The processes of DNRA reduce the soil NO3 content while retaining the N in an available form (Silver et al. 2005). In our study, the rate of DNRA was significantly higher under saturated soil conditions (Fig. 4), which can be explained by the requirement of anoxic soil conditions to promote the DNRA process, and also explains why DNRA plays only a minor or negligible role in aerobic soils (Tiedje 1988). Therefore, under saturated conditions, surplus NO3-N can be transformed to NH4+-N through the DNRA process thereby potentially conserving N in the system. Accompanied with higher rates of organic N mineralization and NH4+ immobilization and lower rates of NH4+ autotrophic nitrification in the saturated soils than in unsaturated soils, N can be retained in soils during the saturated rice-cropping season. This observation was supported by the view of Houtermans et al. (2017) that paddy management promotes N sequestration in soils.

It was reported that NO3-N immobilization occurs when NH4+-N is very low (Rice and Tiedje 1989). In our study, soil exchangeable NH4+-N contents were greater in the unsaturated soil than that in the saturated soil. Thereby, the rate of I NO3 under saturated conditions was significantly higher than under unsaturated conditions (Fig. 4). Although the processes of NO3 immobilization and denitrification could not be considered independently (see above), saturated conditions generally favor the denitrification process (Xing et al. 2002) and N losses via that pathway were therefore likely to have been much higher than N conserved through immobilization. However, because NO3 availability is a key factor for denitrification (Greenan et al. 2006), the high rates of NH4+ immobilization and DNRA and low nitrification rate resulted in low NO3 availability under the saturated soil condition (Table 2), thereby decreasing opportunities for gaseous N losses via denitrification.

Conclusion

Contrary to the general assumption that soils under saturated conditions are prone to N losses, there seems to be an inherent soil N conservation mechanism during the saturated rice-cropping season to effectively conserve N. This is predominantly via reduced NO3 production and improved DNRA process. Higher organic N mineralization rates in paddy soils provide sufficient NH4+-N for crop uptake, and surplus NH4+-N is immobilized rather than nitrified under the saturated soil conditions.
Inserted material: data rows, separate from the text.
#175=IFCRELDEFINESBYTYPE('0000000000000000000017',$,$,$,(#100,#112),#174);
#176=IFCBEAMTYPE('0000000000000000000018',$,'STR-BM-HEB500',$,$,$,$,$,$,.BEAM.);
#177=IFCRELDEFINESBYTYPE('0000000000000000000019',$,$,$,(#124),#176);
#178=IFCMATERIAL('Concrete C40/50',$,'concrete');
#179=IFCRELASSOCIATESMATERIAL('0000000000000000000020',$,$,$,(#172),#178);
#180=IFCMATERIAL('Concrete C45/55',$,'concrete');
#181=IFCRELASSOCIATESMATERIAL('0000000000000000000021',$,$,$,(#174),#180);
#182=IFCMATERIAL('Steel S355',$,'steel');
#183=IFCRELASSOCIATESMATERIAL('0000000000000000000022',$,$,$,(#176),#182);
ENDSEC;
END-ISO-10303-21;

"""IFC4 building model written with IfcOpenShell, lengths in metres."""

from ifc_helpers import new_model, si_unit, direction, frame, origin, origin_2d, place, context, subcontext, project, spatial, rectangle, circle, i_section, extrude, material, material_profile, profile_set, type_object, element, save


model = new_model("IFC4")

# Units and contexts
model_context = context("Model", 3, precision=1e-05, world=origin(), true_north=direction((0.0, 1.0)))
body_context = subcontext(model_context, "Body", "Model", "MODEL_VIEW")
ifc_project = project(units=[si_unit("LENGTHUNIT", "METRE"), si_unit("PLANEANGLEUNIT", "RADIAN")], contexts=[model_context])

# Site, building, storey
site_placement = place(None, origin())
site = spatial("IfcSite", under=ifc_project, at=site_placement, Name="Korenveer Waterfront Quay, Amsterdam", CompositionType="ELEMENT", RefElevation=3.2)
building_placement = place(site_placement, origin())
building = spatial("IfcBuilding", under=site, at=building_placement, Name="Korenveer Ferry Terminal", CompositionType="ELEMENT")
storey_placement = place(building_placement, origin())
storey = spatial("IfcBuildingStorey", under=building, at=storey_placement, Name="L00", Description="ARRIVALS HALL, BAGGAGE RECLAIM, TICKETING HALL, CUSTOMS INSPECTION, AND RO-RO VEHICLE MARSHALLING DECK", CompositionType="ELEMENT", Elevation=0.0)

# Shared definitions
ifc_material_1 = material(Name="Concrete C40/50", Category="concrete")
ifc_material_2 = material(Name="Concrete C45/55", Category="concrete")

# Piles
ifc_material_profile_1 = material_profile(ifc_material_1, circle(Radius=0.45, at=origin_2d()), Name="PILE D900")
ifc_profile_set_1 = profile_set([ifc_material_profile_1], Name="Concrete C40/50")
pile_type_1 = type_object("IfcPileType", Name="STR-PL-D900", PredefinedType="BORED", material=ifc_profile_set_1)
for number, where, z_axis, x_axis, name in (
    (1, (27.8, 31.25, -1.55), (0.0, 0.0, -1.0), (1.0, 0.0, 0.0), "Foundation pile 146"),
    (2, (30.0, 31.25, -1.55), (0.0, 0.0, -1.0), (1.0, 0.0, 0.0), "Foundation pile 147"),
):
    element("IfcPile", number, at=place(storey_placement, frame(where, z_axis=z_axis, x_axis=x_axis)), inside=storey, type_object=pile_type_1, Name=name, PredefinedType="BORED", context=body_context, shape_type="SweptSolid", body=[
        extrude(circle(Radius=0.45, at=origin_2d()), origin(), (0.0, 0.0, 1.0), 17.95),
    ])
Soil inorganic N concentrations under saturated conditions were significantly lower than under unsaturated conditions, decreasing the potential for N loss through runoff or leaching. However, the rates of NO3 immobilization and denitrification of the unsaturated rice-cropping soil were significantly higher than in the unsaturated tobacco-cropping soil, and the risk of N loss through denitrification maybe higher in the saturated soil than in the unsaturated soil. The relationship between nitrification, NO3 immobilization, and denitrification should be evaluated in more detail in future studies.